I've run several reports that make heavy use of recursion and the results have usually been very acceptable and not slow at all. Give this solution a shot:

-- http://stackoverflow.com/questions/30437219/aggregated-product-generation-on-runtime-for-sql-server-2008-r2

-- Create temp table to hold sample data
Create table #sampleTable
(   ID int
,   YrMnth date not null
,   CurrentValue numeric(13,3)
);

-- Insert sample data into the temp table
-- Date values have an added '01' at the end to make them compatible with the "date" datatype
insert into #sampleTable
values  (1,'20131201',100)
    ,   (1,'20140101',25)
    ,   (1,'20140201',-30)
    ,   (1,'20140301',-15)
    ,   (1,'20140401',50)
    ,   (1,'20140501',70)
    ,   (2,'20100901',100)
    ,   (2,'20101001',1.15)
    ,   (2,'20101101',1.79)
    ,   (2,'20101201',0.82)
    ,   (2,'20110101',1.8)
    ,   (2,'20110201',1.67);

-- Declare recursive CTE which loads the first values for each ID as the anchor
With CTE 
as 
(
Select      0 as lvl
        ,   minID.ID
        ,   minID.YrMnth
        ,   s.CurrentValue
From    #sampleTable s
        inner join (select  ID
                        ,   min(YrMnth) as 'YrMnth'
                    from    #sampleTable
                    group by ID) as minID
            on s.ID = minID.ID
            and s.YrMnth = minID.YrMnth

union all

-- Add the recursive part which unions on the same ID and +1 month for the date
-- Note that the cast in the calculation is required to prevent datatype errors between anchor and recursive member
select      cte.lvl + 1 as lvl
        ,   CTE.ID
        ,   S2.YrMnth
        ,   cast(CTE.CurrentValue * ((s2.CurrentValue / 100) + 1) as numeric(13,3))
        --, s2.CurrentValue
from    #sampleTable s2
        inner join CTE
            on s2.ID = CTE.ID
            and S2.YrMnth = dateadd(month,1,cte.YrMnth)

)

-- Select final result set
Select      *
from        CTE
order by    ID
        ,   YrMnth
        ,   lvl;

-- Clean up temp table
drop table #sampleTable;

I had to add a day part to your date values so I could treat them as a date datatype.
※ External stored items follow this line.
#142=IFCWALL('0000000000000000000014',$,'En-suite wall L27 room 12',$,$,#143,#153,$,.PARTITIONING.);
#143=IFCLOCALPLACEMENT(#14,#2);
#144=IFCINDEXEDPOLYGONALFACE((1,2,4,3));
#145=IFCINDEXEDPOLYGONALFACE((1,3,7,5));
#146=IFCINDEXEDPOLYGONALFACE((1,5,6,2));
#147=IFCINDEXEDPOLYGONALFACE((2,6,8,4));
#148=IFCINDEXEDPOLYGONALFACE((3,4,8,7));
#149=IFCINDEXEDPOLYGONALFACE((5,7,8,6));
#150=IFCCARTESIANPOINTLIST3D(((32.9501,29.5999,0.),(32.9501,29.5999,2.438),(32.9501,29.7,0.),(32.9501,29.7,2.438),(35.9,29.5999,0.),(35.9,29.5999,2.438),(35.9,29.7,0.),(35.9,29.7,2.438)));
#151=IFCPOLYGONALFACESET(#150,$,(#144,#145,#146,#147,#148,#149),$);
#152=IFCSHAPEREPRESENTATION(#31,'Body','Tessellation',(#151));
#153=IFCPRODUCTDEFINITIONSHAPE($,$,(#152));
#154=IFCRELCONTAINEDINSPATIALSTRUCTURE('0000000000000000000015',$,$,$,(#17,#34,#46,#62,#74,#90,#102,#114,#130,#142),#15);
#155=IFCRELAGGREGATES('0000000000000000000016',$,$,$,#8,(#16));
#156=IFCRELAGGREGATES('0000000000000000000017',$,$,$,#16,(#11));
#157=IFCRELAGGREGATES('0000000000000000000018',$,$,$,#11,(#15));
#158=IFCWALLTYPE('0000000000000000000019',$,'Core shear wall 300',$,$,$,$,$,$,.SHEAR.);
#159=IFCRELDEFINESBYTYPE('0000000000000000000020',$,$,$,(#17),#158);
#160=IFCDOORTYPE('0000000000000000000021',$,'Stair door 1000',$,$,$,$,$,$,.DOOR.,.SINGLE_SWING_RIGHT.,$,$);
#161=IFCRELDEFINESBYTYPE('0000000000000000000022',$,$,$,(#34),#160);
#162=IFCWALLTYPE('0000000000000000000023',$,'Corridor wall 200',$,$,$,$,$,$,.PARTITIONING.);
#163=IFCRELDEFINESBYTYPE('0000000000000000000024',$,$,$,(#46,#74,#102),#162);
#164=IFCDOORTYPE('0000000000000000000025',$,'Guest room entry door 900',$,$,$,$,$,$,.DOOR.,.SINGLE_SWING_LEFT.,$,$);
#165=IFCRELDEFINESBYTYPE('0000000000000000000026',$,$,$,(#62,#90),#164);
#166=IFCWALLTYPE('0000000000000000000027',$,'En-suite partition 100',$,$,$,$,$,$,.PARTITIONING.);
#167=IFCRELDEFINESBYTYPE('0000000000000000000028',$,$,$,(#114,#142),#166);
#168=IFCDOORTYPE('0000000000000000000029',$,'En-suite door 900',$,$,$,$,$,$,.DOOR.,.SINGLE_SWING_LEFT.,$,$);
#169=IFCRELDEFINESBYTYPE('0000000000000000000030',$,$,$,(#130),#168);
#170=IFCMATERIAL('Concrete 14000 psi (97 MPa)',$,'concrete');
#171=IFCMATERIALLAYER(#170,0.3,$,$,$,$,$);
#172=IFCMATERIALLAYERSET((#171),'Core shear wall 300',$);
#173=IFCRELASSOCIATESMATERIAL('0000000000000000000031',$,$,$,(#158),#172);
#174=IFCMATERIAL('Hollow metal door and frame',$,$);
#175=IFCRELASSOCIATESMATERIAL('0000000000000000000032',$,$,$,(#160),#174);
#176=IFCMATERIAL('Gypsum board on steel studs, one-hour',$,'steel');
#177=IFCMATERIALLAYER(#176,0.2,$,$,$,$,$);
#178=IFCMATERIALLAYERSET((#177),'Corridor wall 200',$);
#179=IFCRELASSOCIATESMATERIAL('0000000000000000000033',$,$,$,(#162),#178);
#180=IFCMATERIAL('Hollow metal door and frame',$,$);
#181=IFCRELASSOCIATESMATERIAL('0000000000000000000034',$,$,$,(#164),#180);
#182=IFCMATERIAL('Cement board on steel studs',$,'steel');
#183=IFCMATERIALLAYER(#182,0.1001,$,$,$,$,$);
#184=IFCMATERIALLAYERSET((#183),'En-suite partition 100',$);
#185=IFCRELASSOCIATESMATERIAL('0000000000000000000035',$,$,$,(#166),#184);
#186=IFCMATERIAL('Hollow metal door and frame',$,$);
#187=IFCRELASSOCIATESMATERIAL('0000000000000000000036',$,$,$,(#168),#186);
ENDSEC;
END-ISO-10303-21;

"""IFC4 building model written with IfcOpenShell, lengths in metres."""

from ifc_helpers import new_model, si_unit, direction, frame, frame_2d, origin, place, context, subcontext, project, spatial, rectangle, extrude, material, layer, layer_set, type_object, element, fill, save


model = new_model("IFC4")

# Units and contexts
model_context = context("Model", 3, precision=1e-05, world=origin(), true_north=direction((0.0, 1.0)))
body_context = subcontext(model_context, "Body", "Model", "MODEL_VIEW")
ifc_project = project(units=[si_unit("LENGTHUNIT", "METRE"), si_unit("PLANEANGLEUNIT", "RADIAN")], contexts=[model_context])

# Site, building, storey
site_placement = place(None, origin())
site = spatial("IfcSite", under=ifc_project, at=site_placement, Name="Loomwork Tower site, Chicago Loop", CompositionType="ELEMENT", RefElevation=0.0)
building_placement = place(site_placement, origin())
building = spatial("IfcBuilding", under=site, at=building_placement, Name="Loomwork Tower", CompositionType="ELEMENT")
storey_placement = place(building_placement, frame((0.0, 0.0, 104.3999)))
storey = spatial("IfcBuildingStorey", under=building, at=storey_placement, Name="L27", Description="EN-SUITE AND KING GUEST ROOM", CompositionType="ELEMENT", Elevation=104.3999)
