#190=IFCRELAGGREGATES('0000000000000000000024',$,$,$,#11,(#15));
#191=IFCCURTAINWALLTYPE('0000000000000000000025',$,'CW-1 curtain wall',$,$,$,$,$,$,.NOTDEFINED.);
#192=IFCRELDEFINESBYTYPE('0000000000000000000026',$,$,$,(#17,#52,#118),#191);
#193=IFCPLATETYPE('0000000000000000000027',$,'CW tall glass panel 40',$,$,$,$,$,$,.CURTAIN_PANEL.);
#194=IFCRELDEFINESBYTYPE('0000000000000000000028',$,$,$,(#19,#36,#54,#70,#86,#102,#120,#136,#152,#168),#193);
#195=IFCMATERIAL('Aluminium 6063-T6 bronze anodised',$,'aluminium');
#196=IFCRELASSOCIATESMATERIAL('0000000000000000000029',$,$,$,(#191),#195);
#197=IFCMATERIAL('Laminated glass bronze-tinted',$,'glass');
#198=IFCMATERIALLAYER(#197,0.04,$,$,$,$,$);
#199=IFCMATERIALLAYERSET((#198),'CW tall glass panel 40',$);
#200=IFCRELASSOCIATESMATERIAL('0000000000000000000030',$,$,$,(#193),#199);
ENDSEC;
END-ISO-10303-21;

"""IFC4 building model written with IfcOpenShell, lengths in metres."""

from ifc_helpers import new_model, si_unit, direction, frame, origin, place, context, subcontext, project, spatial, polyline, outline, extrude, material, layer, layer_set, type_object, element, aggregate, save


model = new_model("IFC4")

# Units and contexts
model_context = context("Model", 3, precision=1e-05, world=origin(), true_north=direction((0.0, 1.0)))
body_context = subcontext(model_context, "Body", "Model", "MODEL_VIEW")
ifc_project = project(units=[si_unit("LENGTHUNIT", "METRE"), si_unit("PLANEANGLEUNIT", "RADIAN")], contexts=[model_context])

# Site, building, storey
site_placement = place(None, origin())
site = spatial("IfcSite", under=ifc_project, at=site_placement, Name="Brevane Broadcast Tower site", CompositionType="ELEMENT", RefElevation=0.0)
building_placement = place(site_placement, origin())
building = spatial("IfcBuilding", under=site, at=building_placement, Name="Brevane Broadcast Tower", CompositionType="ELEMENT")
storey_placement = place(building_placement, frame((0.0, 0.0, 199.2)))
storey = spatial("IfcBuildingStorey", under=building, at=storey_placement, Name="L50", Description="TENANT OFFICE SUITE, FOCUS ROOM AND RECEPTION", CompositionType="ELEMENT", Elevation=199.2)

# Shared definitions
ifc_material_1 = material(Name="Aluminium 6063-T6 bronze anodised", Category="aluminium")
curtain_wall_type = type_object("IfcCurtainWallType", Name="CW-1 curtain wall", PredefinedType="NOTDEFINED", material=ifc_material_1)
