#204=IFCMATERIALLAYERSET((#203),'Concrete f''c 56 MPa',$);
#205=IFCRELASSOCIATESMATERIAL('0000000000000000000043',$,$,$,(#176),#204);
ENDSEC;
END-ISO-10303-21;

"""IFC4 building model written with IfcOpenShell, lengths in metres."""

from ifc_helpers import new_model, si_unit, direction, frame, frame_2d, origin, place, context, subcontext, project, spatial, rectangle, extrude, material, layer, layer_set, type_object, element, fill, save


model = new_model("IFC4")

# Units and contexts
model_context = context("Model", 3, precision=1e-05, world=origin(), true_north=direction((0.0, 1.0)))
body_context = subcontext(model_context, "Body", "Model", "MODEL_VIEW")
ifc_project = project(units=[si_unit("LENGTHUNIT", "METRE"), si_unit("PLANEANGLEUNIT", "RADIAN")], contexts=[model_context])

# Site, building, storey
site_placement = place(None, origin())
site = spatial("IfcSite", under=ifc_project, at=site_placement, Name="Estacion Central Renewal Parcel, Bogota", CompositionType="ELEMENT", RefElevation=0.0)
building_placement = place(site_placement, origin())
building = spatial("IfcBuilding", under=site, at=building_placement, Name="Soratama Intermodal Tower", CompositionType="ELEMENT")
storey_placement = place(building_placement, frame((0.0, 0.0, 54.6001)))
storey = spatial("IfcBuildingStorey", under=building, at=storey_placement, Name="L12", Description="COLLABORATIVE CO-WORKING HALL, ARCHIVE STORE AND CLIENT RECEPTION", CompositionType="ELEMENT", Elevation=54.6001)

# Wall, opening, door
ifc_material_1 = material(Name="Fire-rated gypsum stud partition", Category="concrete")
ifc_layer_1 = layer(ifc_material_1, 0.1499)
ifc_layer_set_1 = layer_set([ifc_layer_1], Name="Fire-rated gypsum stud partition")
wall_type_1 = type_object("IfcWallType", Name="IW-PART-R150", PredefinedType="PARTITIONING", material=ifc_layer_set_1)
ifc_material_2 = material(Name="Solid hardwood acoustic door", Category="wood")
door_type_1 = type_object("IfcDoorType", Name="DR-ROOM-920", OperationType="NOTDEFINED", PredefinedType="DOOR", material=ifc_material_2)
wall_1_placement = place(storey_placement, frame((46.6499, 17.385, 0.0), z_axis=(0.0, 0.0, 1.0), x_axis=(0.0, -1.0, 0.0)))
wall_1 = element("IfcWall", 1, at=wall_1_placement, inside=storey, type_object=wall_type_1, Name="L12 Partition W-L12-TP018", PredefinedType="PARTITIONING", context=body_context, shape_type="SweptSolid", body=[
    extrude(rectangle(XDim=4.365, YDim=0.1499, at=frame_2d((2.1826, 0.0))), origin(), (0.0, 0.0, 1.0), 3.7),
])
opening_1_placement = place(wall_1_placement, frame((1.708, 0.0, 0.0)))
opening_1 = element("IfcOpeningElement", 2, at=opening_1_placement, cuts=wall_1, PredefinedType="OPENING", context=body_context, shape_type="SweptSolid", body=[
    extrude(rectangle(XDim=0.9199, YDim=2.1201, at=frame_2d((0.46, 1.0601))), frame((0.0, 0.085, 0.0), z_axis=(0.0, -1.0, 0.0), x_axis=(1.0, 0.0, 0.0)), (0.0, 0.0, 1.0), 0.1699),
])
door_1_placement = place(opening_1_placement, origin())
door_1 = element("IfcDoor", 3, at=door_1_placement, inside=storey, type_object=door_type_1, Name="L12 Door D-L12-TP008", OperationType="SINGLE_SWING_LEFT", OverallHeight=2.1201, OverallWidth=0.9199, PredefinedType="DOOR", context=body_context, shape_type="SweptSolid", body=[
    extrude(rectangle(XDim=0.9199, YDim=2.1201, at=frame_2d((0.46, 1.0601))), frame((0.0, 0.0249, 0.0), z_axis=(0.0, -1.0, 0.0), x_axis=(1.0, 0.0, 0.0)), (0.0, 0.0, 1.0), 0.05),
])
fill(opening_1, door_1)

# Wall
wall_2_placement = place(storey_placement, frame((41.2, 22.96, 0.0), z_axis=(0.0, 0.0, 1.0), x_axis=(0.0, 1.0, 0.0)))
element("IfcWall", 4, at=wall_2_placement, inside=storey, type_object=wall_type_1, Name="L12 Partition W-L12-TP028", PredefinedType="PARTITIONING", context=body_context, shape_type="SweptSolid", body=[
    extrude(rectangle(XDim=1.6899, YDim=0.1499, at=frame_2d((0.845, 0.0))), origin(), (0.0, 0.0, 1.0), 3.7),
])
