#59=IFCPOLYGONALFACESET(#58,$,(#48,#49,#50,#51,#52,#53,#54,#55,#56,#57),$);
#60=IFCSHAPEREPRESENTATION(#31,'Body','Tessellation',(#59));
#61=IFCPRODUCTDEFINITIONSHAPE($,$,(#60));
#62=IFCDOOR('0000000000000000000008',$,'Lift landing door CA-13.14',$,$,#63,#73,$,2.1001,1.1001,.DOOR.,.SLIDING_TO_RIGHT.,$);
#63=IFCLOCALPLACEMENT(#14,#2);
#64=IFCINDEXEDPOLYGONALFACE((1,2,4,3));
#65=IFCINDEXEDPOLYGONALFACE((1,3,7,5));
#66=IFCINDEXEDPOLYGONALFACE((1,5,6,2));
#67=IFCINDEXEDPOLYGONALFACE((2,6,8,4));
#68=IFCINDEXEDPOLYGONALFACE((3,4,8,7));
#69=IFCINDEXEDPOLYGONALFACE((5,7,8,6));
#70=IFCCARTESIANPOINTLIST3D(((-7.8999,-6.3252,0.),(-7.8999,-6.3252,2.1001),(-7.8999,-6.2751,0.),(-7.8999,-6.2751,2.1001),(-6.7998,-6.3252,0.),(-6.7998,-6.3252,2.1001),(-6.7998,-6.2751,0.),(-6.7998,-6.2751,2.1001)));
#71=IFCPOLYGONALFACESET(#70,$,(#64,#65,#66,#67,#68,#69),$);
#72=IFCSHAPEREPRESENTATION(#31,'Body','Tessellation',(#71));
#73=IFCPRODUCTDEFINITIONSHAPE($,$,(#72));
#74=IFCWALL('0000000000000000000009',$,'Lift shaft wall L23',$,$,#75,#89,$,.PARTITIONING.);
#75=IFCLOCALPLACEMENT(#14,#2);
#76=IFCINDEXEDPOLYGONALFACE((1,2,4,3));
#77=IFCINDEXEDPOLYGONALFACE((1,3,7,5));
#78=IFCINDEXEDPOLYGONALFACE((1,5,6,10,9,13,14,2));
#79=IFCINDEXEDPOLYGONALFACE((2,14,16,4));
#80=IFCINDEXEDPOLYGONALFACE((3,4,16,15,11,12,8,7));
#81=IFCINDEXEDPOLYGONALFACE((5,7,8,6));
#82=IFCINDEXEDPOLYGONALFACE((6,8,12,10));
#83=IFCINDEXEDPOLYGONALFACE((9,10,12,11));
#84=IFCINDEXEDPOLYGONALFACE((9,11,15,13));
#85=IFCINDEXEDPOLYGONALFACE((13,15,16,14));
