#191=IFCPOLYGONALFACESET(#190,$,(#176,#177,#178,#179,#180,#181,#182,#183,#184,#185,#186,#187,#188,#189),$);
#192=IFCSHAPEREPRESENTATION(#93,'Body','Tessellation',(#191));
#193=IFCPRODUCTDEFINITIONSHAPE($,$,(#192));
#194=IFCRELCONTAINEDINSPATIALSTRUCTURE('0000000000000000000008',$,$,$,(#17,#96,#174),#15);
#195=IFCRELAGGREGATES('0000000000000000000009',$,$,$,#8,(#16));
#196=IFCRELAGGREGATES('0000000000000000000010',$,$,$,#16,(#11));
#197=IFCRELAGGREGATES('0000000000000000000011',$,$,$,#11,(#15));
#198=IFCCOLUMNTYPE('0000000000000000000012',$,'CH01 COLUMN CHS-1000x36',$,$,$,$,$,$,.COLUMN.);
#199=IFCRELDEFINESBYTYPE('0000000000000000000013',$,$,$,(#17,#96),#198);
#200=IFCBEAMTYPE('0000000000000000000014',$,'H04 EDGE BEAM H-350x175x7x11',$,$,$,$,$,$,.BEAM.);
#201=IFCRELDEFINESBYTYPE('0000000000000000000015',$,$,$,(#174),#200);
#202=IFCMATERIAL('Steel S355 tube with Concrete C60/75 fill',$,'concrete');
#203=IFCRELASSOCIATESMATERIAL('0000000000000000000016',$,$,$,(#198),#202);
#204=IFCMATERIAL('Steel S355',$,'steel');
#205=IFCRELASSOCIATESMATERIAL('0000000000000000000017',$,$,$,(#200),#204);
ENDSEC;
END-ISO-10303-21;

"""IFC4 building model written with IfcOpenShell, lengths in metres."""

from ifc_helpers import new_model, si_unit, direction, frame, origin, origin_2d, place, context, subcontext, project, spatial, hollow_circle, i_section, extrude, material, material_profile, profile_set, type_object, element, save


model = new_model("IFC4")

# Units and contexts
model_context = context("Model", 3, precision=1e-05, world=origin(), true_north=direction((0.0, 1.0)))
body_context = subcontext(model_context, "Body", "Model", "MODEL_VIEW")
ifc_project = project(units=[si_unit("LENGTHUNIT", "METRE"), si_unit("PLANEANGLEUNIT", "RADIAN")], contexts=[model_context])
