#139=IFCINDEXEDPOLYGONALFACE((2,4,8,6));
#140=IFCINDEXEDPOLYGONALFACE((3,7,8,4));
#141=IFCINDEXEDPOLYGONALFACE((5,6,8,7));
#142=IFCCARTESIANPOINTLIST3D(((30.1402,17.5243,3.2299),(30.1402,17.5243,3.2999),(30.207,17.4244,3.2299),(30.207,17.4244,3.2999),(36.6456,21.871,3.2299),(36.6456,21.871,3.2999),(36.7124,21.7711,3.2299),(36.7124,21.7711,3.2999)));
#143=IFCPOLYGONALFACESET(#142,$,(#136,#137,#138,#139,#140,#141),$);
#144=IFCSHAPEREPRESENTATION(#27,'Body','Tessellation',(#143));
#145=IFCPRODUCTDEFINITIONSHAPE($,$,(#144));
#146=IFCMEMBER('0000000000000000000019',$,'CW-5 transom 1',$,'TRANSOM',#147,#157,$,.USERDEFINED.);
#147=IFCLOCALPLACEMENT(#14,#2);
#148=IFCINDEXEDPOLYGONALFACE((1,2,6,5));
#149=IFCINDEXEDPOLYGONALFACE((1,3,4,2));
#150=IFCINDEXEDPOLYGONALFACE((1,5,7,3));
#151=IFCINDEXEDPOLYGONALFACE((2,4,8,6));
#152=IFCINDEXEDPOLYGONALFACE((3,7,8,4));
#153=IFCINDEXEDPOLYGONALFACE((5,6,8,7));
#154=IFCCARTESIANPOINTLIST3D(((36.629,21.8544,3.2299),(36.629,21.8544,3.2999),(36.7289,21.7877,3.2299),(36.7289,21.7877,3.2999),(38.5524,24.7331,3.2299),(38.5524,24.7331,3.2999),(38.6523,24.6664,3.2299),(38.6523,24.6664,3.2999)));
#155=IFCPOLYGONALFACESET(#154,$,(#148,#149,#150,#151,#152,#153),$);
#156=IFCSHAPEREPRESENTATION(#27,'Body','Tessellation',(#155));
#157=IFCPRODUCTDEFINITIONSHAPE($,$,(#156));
This allows you to join the recursive member on "month + 1". The "lvl" column was added by me just to check the recursion results but I left it in as it's useful to see how many recursions a particular record has gone through. It will depend on your total data size how fast this will run, but I'm pretty sure it will be faster than your original solution. Note that this solution assumes your dates are sequential for a given ID with no missing months.